As a developer, I never sign NDAs when someone approaches me with an idea.<p>I'm trying to approach a potential advisor/investor with a business plan who happens to have founded a company that is pretty much a competitor. But our business plan is a much better solution. Should I ask him to sign an NDA? He has the required infrastructure, which could take us at least 6 months to build, so approaching him without an NDA is a little risky.<p>Any advice on what to do?
======
JacobIrwin
Just a question... but why would you want a competitor to be your advisor? NDA
for sure in this case.

Bringing him on board on as an investor, albeit that he is also as a
competitor, creates a different relationship.
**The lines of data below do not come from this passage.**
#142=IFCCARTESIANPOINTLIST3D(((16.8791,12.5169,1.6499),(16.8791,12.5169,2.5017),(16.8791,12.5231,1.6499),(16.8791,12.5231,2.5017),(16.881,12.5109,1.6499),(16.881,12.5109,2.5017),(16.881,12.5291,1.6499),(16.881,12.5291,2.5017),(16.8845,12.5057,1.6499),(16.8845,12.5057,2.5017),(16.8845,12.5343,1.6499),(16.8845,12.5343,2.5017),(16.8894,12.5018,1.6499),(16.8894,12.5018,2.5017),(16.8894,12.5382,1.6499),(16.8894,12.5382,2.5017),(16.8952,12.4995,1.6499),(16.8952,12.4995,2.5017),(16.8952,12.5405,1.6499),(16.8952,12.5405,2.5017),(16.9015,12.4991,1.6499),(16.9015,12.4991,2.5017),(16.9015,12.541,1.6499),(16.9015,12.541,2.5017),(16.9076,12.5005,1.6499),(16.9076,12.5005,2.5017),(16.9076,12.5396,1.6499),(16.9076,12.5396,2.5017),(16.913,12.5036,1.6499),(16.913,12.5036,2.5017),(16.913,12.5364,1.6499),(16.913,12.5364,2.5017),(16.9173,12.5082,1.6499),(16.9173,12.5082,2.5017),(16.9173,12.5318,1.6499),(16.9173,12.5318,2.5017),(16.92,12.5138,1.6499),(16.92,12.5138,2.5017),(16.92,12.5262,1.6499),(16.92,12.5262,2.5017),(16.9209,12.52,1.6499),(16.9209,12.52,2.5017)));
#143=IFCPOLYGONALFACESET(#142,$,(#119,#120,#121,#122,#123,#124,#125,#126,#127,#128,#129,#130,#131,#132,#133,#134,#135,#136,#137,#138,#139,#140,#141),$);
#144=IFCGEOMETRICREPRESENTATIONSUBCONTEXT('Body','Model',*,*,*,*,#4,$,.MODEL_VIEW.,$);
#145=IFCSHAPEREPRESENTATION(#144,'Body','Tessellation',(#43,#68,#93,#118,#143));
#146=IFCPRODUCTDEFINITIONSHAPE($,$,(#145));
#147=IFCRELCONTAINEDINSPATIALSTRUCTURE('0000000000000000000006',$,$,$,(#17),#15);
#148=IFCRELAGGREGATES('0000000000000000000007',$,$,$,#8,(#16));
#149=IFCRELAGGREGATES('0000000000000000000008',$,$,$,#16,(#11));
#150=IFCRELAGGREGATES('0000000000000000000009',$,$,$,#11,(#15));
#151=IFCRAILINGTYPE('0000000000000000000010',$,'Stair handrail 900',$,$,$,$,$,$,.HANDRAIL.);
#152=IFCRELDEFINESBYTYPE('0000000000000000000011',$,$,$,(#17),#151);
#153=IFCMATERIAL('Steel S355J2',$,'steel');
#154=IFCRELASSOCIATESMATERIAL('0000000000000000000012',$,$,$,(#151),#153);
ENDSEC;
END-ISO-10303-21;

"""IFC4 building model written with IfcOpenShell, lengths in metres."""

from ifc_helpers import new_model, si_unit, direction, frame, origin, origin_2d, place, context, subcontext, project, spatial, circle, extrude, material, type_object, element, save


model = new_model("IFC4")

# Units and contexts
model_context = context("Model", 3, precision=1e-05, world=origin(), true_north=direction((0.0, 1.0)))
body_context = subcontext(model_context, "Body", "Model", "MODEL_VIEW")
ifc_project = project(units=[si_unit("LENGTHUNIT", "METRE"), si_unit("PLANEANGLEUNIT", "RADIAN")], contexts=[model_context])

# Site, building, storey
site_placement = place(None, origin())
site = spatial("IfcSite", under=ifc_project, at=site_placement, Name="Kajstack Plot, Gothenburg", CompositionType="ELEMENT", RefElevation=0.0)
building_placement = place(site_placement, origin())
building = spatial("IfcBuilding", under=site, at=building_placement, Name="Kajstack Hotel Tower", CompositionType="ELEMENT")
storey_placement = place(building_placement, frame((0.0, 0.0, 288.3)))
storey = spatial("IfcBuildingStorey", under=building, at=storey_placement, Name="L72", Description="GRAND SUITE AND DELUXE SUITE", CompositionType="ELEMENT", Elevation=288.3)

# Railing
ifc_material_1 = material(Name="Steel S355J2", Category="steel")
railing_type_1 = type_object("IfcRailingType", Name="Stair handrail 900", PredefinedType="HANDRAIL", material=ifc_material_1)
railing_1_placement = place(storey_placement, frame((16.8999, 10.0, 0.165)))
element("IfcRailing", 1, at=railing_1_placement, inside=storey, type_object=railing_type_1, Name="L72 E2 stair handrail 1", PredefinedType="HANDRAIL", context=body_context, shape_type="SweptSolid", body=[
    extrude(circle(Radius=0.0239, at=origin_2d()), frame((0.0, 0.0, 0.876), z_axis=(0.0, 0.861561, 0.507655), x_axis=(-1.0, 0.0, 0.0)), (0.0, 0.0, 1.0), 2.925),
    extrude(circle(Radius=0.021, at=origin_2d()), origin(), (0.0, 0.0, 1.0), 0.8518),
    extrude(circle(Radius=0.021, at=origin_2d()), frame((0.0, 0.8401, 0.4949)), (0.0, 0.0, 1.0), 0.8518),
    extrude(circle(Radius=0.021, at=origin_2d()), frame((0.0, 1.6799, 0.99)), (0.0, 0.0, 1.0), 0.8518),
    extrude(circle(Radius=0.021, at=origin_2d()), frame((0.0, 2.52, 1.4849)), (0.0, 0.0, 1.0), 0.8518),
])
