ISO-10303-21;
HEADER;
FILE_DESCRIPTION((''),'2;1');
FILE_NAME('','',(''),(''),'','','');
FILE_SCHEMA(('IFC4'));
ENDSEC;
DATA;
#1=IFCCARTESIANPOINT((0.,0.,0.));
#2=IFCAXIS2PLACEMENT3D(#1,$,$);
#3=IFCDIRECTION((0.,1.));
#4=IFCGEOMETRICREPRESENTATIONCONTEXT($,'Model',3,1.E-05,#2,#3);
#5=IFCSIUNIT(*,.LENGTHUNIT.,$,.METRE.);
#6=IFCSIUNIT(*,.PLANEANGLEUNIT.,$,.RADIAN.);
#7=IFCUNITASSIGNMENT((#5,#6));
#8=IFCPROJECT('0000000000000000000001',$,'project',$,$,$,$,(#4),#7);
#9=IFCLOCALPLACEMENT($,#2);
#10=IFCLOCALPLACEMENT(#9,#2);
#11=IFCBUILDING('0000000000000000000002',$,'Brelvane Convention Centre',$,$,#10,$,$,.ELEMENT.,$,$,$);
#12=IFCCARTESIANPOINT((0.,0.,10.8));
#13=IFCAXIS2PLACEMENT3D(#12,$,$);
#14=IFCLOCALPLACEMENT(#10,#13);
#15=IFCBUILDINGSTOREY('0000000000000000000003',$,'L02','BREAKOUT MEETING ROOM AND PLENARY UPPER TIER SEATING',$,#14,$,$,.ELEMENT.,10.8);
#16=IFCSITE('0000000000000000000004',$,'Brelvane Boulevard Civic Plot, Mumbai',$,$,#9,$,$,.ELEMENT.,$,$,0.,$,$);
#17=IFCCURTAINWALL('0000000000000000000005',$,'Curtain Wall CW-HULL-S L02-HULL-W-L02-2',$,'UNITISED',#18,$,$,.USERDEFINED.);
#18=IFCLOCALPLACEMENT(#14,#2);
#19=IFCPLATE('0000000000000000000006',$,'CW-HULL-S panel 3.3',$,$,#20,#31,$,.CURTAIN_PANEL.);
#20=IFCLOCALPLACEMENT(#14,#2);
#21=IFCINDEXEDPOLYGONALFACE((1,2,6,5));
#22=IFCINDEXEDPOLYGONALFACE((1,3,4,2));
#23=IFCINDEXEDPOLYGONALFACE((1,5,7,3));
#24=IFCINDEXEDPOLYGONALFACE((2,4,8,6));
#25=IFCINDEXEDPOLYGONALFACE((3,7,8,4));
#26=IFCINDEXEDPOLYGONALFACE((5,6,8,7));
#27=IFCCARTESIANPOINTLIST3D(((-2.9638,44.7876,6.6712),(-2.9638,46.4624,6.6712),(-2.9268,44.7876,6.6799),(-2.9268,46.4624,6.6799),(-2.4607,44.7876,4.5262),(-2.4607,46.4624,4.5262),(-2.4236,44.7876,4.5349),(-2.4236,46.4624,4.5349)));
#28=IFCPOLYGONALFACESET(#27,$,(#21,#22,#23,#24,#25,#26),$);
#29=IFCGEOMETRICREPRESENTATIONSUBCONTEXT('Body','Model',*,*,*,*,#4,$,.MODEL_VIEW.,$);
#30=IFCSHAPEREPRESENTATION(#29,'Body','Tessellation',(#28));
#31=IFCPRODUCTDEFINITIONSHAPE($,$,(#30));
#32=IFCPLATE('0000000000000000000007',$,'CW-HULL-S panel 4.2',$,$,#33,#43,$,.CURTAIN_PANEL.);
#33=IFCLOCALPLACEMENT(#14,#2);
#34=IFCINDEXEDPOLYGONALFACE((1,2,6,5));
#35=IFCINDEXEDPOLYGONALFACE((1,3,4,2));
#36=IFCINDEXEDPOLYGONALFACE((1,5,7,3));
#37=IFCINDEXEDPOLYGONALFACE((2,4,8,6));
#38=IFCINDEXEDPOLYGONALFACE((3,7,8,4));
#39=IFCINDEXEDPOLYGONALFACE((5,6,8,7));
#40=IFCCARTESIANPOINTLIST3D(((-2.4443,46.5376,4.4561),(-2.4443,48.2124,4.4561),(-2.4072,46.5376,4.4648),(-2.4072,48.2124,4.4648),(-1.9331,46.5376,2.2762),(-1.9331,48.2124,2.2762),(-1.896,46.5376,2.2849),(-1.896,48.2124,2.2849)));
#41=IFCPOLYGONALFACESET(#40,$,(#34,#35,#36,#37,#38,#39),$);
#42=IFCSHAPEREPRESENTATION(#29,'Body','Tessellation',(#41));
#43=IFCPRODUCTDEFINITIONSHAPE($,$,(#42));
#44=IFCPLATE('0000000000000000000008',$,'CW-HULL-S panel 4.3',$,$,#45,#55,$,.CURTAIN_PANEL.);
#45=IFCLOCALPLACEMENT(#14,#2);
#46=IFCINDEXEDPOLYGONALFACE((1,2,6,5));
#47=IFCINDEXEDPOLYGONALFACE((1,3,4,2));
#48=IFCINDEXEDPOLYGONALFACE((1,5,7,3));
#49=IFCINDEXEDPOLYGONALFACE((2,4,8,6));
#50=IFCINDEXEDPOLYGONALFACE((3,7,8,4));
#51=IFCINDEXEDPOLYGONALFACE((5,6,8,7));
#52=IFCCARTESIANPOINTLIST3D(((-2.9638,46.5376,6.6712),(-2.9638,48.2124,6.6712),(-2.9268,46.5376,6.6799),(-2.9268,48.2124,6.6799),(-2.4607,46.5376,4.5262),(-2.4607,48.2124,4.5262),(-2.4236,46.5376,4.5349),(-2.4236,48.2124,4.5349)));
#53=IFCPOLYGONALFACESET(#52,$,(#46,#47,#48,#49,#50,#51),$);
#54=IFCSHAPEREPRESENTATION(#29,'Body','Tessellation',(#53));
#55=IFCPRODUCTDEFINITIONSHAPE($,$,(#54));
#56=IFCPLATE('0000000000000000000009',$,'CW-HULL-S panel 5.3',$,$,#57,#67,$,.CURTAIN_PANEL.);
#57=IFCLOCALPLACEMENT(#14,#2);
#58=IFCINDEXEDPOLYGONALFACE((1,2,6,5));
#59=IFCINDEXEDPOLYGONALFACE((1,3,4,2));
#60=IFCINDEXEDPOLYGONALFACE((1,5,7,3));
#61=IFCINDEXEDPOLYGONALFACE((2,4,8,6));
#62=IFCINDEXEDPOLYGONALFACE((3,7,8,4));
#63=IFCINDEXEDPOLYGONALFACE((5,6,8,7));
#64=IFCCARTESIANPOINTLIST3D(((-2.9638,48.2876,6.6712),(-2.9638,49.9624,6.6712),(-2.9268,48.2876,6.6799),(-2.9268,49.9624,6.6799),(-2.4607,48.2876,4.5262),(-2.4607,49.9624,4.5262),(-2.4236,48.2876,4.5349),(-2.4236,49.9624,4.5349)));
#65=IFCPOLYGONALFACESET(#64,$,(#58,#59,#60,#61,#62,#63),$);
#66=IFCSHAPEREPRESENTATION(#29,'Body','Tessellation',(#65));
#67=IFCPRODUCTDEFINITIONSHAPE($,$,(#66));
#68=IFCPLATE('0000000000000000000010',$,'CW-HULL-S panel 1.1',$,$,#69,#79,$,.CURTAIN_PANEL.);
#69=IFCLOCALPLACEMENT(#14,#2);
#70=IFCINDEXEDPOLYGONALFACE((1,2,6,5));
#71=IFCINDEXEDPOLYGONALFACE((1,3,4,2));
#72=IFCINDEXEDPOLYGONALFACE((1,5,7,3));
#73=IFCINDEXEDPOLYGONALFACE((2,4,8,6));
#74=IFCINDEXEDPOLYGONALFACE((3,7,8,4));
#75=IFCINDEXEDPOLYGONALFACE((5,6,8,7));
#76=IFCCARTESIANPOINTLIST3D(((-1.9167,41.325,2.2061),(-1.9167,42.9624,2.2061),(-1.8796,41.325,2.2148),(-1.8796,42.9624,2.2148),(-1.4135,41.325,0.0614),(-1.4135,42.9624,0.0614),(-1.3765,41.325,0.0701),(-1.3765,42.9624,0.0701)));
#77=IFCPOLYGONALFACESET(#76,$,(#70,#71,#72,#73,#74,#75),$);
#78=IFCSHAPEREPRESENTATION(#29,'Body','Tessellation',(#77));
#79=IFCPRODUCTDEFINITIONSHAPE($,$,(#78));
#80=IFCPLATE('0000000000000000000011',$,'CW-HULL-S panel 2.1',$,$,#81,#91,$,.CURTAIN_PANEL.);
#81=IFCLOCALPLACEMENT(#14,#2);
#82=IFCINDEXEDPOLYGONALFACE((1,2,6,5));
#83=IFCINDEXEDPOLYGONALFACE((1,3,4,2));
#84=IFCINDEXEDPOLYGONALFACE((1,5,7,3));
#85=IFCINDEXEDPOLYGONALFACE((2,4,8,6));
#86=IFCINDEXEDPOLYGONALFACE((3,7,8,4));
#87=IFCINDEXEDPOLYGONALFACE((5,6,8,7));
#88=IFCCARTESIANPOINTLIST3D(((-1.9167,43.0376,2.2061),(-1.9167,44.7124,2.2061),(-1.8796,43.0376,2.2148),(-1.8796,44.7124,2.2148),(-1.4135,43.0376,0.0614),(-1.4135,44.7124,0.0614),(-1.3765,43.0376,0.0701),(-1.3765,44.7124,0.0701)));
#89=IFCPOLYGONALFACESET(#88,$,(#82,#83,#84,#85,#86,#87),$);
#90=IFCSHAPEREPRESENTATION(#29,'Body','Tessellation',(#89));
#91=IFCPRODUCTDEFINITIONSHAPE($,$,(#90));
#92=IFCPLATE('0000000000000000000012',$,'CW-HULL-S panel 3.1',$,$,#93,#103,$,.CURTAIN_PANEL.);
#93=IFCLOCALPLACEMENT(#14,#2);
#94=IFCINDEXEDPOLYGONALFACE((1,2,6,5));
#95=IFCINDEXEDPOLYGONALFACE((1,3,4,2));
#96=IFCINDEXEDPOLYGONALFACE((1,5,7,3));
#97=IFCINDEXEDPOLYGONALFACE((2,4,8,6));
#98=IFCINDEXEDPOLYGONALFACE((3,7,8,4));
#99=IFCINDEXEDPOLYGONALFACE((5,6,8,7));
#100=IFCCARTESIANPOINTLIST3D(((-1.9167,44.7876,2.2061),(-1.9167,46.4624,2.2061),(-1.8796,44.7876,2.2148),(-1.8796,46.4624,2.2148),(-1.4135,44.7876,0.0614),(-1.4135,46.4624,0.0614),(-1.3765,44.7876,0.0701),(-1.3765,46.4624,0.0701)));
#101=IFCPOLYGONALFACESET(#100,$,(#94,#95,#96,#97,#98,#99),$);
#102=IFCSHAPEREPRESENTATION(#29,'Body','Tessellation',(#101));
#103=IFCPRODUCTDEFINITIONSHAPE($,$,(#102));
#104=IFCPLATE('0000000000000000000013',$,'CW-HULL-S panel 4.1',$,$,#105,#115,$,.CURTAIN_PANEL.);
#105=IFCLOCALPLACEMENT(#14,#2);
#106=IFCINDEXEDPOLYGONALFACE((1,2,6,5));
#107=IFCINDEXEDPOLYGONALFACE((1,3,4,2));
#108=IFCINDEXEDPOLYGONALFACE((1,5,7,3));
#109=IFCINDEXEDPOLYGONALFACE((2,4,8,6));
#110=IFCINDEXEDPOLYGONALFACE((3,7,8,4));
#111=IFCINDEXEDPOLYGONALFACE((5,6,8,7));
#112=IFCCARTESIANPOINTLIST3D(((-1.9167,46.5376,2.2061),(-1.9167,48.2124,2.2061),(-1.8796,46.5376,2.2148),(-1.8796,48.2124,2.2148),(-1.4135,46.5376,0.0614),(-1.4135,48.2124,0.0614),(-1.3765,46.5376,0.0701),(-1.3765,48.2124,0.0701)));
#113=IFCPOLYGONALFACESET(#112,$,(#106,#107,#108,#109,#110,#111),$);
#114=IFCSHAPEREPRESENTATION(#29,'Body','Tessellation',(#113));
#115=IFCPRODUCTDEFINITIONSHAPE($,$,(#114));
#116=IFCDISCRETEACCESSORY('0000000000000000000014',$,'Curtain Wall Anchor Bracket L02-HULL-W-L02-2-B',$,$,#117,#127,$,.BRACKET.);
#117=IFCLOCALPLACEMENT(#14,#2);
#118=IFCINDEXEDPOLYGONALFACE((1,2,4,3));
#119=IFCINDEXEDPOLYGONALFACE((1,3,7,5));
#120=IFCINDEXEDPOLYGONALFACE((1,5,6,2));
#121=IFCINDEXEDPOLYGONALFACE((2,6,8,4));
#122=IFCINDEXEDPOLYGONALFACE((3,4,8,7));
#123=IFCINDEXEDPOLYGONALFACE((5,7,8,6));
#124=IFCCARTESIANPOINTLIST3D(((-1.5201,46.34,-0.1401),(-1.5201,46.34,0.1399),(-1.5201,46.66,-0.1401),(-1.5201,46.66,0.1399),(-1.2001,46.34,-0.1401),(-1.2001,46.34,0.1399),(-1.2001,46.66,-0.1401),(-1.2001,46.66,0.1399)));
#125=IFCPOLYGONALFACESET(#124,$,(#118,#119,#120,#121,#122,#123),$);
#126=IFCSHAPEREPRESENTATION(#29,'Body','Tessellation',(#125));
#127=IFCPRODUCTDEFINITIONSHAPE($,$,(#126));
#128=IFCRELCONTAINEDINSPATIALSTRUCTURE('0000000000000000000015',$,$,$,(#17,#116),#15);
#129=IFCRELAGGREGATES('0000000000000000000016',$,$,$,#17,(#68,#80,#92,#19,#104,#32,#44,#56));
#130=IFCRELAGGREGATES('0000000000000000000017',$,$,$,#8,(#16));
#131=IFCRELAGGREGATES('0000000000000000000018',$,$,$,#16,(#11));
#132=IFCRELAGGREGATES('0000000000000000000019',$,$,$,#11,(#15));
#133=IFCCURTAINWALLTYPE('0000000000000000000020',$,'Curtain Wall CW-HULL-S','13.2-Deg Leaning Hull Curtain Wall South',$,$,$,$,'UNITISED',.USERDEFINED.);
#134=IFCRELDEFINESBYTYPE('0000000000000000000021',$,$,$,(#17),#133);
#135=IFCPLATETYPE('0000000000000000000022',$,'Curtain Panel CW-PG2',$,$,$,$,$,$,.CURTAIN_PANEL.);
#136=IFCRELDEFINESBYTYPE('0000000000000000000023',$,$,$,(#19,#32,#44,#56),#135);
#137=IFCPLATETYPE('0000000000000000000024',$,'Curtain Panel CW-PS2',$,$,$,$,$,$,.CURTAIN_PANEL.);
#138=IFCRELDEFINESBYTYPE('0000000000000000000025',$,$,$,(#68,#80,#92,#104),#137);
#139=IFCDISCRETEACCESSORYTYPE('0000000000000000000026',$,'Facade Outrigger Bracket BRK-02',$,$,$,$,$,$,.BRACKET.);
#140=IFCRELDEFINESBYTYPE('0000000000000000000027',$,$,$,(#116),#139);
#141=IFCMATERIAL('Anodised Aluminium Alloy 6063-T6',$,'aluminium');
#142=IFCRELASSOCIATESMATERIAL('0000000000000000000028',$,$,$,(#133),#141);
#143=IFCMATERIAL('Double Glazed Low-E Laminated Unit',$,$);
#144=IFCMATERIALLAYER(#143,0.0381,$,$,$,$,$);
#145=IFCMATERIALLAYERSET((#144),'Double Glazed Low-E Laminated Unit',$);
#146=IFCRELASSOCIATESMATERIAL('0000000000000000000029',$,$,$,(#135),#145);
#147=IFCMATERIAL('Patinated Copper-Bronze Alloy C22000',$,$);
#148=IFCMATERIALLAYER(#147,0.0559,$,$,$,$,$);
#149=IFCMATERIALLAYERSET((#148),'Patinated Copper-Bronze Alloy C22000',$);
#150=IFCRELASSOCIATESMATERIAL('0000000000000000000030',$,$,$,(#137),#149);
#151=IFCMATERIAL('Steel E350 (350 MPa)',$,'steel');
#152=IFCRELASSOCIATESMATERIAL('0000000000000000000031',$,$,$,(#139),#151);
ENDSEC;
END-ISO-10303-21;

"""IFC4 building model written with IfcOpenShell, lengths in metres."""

from ifc_helpers import new_model, si_unit, direction, frame, origin, origin_2d, place, context, subcontext, project, spatial, polyline, rectangle, outline, extrude, material, layer, layer_set, type_object, element, aggregate, save


model = new_model("IFC4")

# Units and contexts
model_context = context("Model", 3, precision=1e-05, world=origin(), true_north=direction((0.0, 1.0)))
body_context = subcontext(model_context, "Body", "Model", "MODEL_VIEW")
ifc_project = project(units=[si_unit("LENGTHUNIT", "METRE"), si_unit("PLANEANGLEUNIT", "RADIAN")], contexts=[model_context])

# Site, building, storey
site_placement = place(None, origin())
site = spatial("IfcSite", under=ifc_project, at=site_placement, Name="Brelvane Boulevard Civic Plot, Mumbai", CompositionType="ELEMENT", RefElevation=0.0)
building_placement = place(site_placement, origin())
building = spatial("IfcBuilding", under=site, at=building_placement, Name="Brelvane Convention Centre", CompositionType="ELEMENT")
storey_placement = place(building_placement, frame((0.0, 0.0, 10.8)))
storey = spatial("IfcBuildingStorey", under=building, at=storey_placement, Name="L02", Description="BREAKOUT MEETING ROOM AND PLENARY UPPER TIER SEATING", CompositionType="ELEMENT", Elevation=10.8)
If it is an investment
arrangement then there is much to consider.

Best solution would probably be to discuss your business plan (and share any
corresponding documents) which does not include overly-in-depth specs,
proprietary code/algos, or aspects that differentiates your startup (that he
could recreate with his current company, team, technology, etc.).

Inevitably, as the relationship progresses and becomes better defined, I would
highly recommend some form of NDA/Noncompete (i.e., whether he takes on the
role as either and adviser or investor).

------
JT123
FWIW:

1- No investor will sign an NDA on your pitch.

2- Its not just about Idea. You are a developer with an idea, go build it! and
share it to the world.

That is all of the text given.